Por suerte nadie tuvo el mal gusto de repreguntar, que al fin y al cabo nadie estaba allí para eso; y por otra parte estos obamalabarismos son bastante más sustanciosos que lo que recibimos de los políticos burgueses de turno. Pero de todos modos me gustaría saber qué país manda tropas al otro lado del planeta "para proteger a sus ciudadanos". En última instancia me parece que este razonamiento suena mucho más creíble en boca de quien pelea una guerra en su propio país contra un invasor extranjero.
Y no es que yo tenga ni una mínima simpatía por los talibanes, esos atrasados cabezas de trapo armados por la CIA que ahora decidieron volverse una piedra en el zapato yanqui; sólo constato que ellos podrían –y con mucho más fundamento– repetir el argumento del americano, sobre todo si se tiene en cuenta que el gobierno afgano –una entelequia palaciega, violenta y corrupta que sólo existe gracias a varios ejércitos de ocupación– debe mantener golpeados y encarcelados a más de cuatro.
La violencia violenta
Quedémonos entonces con el concepto: la violencia es a veces necesaria, y puede estar moralmente justificada... lo cual no deja de confundirme ¿No era que la violencia es mala venga de donde venga? Ni bien alguien alza la voz para defender el derecho a la resistencia de los más pobres aunque sea a pedradas, es inmediatamente tachado de sanguinario y acerbo extremista. Estrellas de la literatura drugstore y mandarines de la filosofía correcta se encargan de las indispensables impugnaciones, con amplia cobertura de los medios. Cuento en este menesteroso blog un sinnúmero de intervenciones de este tipo.

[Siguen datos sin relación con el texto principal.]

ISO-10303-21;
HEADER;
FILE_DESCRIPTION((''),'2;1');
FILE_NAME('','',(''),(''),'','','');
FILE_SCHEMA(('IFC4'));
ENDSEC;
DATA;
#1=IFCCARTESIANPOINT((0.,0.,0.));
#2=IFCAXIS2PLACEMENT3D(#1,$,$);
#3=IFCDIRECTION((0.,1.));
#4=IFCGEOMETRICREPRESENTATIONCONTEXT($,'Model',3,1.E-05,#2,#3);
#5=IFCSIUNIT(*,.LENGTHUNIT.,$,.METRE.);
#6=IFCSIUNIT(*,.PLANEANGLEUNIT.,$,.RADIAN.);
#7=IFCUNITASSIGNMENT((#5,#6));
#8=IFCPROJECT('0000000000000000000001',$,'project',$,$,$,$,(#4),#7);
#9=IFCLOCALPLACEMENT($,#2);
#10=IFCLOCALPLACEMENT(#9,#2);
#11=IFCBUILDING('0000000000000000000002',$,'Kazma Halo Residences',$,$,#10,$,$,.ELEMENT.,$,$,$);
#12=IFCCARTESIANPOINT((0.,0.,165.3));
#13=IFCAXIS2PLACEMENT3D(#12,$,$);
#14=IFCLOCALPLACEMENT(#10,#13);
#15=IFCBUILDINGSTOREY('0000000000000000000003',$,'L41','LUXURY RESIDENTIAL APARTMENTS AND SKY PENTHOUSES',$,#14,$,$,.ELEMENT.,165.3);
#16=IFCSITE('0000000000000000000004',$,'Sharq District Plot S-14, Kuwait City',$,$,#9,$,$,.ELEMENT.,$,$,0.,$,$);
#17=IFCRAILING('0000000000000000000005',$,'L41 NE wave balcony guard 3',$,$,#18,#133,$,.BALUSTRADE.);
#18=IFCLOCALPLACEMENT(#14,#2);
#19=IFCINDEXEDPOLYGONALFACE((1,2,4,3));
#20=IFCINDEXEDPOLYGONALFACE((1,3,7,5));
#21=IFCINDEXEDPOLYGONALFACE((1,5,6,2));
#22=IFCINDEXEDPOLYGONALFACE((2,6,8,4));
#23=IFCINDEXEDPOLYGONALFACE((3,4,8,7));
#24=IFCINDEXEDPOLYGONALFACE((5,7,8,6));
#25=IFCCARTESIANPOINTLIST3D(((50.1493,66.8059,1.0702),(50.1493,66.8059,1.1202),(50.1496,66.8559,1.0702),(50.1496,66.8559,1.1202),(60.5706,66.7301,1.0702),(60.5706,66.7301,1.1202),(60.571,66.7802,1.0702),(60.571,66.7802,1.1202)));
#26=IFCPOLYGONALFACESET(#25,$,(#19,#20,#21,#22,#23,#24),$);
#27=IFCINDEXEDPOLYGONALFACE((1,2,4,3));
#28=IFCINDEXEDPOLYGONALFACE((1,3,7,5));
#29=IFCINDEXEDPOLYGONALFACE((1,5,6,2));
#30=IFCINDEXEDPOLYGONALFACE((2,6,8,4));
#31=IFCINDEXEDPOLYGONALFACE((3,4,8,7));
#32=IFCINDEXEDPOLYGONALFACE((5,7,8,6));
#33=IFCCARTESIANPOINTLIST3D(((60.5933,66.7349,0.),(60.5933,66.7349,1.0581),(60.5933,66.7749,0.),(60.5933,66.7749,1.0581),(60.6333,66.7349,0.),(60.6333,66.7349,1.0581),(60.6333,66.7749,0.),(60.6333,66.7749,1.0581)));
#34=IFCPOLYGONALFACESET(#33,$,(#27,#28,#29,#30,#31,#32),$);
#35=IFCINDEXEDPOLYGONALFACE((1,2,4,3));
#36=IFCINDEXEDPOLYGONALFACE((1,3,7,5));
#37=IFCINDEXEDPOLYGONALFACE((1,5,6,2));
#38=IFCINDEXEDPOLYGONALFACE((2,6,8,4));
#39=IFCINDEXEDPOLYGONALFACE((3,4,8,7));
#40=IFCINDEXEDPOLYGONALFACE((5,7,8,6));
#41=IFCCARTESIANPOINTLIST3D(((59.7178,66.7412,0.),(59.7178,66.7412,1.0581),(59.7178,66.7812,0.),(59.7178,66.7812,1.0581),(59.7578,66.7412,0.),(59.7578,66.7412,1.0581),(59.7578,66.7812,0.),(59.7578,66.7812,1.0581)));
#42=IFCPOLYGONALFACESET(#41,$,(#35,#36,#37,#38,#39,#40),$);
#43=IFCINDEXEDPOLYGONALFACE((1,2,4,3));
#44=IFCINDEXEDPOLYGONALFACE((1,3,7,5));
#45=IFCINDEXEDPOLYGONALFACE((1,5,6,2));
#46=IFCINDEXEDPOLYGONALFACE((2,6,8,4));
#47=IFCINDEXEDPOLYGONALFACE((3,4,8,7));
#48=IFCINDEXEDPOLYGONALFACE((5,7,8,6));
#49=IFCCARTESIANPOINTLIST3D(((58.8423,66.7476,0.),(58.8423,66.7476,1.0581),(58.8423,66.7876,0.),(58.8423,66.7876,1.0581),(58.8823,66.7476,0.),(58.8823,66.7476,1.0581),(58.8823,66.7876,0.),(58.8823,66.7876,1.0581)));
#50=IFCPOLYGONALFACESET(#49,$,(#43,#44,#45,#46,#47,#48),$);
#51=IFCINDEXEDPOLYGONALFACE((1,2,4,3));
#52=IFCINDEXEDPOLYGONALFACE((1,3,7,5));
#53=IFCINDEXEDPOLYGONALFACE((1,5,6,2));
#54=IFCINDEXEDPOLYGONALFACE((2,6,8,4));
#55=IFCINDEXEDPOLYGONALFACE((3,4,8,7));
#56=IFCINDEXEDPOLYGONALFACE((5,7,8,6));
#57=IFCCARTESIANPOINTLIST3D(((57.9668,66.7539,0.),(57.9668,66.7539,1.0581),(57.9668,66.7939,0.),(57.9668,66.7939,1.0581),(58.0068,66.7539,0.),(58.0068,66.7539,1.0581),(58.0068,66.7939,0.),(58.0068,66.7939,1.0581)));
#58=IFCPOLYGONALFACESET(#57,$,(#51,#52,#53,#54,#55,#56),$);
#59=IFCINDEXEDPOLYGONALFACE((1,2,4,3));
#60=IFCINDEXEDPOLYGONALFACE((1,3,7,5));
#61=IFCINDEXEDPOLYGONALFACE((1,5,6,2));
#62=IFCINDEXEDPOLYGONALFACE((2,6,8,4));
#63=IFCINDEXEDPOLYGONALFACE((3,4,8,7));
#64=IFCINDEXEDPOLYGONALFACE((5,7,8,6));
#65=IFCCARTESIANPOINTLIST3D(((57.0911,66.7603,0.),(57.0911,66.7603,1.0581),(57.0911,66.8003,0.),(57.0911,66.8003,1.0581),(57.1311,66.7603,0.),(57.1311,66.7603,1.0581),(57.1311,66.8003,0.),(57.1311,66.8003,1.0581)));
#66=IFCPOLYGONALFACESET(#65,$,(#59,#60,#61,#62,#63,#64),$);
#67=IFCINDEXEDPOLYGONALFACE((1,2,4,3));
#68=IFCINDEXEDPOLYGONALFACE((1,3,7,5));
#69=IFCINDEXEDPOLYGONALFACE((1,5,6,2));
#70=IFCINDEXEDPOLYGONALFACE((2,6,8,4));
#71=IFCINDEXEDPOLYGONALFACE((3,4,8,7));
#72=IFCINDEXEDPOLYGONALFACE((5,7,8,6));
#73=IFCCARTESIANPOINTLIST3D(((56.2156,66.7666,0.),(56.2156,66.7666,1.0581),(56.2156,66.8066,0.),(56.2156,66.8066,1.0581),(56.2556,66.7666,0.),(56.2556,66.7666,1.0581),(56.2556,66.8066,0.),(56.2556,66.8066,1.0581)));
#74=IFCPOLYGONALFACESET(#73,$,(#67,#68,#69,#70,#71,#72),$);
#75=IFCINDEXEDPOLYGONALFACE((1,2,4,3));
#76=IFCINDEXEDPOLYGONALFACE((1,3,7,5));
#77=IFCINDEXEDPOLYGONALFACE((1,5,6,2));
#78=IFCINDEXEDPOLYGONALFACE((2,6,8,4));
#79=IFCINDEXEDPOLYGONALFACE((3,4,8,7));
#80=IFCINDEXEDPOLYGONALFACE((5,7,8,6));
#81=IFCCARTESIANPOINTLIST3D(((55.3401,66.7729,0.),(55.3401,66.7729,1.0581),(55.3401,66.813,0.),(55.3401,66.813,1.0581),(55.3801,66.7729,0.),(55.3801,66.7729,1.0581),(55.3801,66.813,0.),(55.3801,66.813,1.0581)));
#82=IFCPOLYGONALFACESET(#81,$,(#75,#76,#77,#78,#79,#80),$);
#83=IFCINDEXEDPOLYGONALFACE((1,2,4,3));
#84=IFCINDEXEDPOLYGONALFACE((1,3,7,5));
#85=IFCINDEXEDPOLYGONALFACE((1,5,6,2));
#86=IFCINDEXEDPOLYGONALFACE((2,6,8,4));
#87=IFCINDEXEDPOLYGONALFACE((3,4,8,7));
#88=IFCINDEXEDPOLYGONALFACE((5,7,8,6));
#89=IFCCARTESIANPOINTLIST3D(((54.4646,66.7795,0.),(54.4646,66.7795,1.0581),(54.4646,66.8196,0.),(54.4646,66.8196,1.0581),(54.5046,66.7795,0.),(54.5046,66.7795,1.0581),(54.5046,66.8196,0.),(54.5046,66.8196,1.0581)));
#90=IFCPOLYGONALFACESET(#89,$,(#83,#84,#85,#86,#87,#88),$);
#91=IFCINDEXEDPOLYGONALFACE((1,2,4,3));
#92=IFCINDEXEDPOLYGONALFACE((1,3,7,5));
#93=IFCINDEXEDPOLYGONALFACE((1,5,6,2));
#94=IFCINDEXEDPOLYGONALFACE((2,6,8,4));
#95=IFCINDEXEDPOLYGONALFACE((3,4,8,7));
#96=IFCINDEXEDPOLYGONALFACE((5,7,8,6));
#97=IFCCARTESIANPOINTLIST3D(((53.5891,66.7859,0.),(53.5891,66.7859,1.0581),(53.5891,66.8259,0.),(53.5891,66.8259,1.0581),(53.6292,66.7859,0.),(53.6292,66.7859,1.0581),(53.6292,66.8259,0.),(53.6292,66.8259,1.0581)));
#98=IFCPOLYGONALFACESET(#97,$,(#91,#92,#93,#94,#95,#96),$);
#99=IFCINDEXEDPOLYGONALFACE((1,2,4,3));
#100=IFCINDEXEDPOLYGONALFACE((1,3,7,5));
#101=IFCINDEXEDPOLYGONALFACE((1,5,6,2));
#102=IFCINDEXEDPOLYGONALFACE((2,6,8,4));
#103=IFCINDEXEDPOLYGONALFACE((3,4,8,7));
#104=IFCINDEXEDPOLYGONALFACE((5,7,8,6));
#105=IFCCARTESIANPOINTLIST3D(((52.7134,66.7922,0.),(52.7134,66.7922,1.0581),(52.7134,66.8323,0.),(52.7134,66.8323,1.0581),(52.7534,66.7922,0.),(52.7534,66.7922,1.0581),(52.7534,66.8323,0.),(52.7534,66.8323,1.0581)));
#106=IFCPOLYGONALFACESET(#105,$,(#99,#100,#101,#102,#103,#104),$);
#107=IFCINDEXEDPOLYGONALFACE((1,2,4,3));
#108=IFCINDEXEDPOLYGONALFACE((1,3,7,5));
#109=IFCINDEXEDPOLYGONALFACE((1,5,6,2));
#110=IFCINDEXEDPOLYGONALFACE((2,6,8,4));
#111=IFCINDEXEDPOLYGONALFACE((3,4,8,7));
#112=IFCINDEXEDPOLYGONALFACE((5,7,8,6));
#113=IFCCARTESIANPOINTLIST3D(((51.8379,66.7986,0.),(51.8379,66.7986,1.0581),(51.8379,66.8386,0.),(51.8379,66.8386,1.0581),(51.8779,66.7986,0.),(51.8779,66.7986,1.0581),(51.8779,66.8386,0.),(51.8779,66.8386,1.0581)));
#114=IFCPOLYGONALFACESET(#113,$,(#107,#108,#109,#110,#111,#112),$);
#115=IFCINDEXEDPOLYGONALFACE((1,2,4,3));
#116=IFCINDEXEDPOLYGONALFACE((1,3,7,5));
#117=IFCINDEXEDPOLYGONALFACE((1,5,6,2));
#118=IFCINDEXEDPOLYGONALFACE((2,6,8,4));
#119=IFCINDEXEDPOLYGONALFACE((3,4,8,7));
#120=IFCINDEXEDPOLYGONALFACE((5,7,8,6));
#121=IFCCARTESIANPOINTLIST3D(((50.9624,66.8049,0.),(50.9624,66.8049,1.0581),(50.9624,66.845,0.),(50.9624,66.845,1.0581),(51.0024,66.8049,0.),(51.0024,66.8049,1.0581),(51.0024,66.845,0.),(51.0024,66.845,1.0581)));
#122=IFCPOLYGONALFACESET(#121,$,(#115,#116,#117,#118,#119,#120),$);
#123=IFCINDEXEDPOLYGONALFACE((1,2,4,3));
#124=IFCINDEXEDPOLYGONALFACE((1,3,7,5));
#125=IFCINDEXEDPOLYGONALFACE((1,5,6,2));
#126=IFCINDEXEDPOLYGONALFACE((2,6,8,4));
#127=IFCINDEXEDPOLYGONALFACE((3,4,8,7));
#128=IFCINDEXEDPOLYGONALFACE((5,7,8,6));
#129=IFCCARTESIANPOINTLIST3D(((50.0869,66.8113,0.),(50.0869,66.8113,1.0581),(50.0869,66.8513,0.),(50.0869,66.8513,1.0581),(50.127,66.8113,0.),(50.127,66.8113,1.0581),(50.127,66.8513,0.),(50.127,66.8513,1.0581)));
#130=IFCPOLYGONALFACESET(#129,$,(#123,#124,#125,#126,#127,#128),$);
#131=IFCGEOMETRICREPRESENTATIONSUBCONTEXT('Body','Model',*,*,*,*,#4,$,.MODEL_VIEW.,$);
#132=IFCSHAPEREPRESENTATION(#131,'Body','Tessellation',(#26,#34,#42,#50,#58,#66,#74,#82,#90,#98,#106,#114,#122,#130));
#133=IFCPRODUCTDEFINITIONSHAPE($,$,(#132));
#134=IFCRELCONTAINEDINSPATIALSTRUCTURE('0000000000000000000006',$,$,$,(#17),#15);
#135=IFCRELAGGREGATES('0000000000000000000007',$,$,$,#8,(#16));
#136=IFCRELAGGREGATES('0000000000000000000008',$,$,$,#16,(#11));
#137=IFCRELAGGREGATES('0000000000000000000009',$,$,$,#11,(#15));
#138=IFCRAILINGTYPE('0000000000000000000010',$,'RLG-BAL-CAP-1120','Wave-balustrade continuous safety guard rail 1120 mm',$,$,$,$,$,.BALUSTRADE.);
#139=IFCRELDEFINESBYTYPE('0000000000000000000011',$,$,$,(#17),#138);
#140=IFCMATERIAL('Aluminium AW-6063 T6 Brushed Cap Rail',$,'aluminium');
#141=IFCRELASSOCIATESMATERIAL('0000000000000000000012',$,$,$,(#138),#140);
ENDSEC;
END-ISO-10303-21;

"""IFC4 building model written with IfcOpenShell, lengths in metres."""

from ifc_helpers import new_model, si_unit, direction, frame, origin, origin_2d, place, context, subcontext, project, spatial, rectangle, extrude, material, type_object, element, save


model = new_model("IFC4")

# Units and contexts
model_context = context("Model", 3, precision=1e-05, world=origin(), true_north=direction((0.0, 1.0)))
body_context = subcontext(model_context, "Body", "Model", "MODEL_VIEW")
ifc_project = project(units=[si_unit("LENGTHUNIT", "METRE"), si_unit("PLANEANGLEUNIT", "RADIAN")], contexts=[model_context])

# Site, building, storey
site_placement = place(None, origin())
site = spatial("IfcSite", under=ifc_project, at=site_placement, Name="Sharq District Plot S-14, Kuwait City", CompositionType="ELEMENT", RefElevation=0.0)
building_placement = place(site_placement, origin())
building = spatial("IfcBuilding", under=site, at=building_placement, Name="Kazma Halo Residences", CompositionType="ELEMENT")
storey_placement = place(building_placement, frame((0.0, 0.0, 165.3)))
storey = spatial("IfcBuildingStorey", under=building, at=storey_placement, Name="L41", Description="LUXURY RESIDENTIAL APARTMENTS AND SKY PENTHOUSES", CompositionType="ELEMENT", Elevation=165.3)

# Railing
ifc_material_1 = material(Name="Aluminium AW-6063 T6 Brushed Cap Rail", Category="aluminium")
railing_type = type_object("IfcRailingType", Name="RLG-BAL-CAP-1120", Description="Wave-balustrade continuous safety guard rail 1120 mm", PredefinedType="BALUSTRADE", material=ifc_material_1)
railing_1_placement = place(storey_placement, frame((60.6133, 66.7549, 0.0)))
element("IfcRailing", 1, at=railing_1_placement, inside=storey, type_object=railing_type, Name="L41 NE wave balcony guard 3", PredefinedType="BALUSTRADE", context=body_context, shape_type="SweptSolid", body=[
    extrude(rectangle(XDim=0.05, YDim=0.05, at=origin_2d()), frame((-0.0425, 0.0002, 1.0952), z_axis=(-0.999974, 0.007273, 0.0), x_axis=(-0.007273, -0.999974, 0.0)), (0.0, 0.0, 1.0), 10.4216),
    extrude(rectangle(XDim=0.04, YDim=0.04, at=origin_2d()), origin(), (0.0, 0.0, 1.0), 1.0581),
    extrude(rectangle(XDim=0.04, YDim=0.04, at=origin_2d()), frame((-0.8755, 0.0063, 0.0)), (0.0, 0.0, 1.0), 1.0581),
    extrude(rectangle(XDim=0.04, YDim=0.04, at=origin_2d()), frame((-1.751, 0.0127, 0.0)), (0.0, 0.0, 1.0), 1.0581),
    extrude(rectangle(XDim=0.04, YDim=0.04, at=origin_2d()), frame((-2.6265, 0.019, 0.0)), (0.0, 0.0, 1.0), 1.0581),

Es necesaria pues una pequeña aclaración: la violencia está moralmente justificada cuando la practican profesionales: ejército, policía, agencias de seguridad privada, mercenarios o incluso patovicas de discoteca. Y más importante, cuando la sufren los previsibles: pobres, descontentos y gentes que viven en lugares desangelados como África, Palestina o Fuerte Apache.
En cambio la violencia en manos de desharrapados se vuelve fea, inelegante, poco seria. Es una violencia inmoral, injustificada, inesperada sobre todo. En definitiva: una violencia violenta.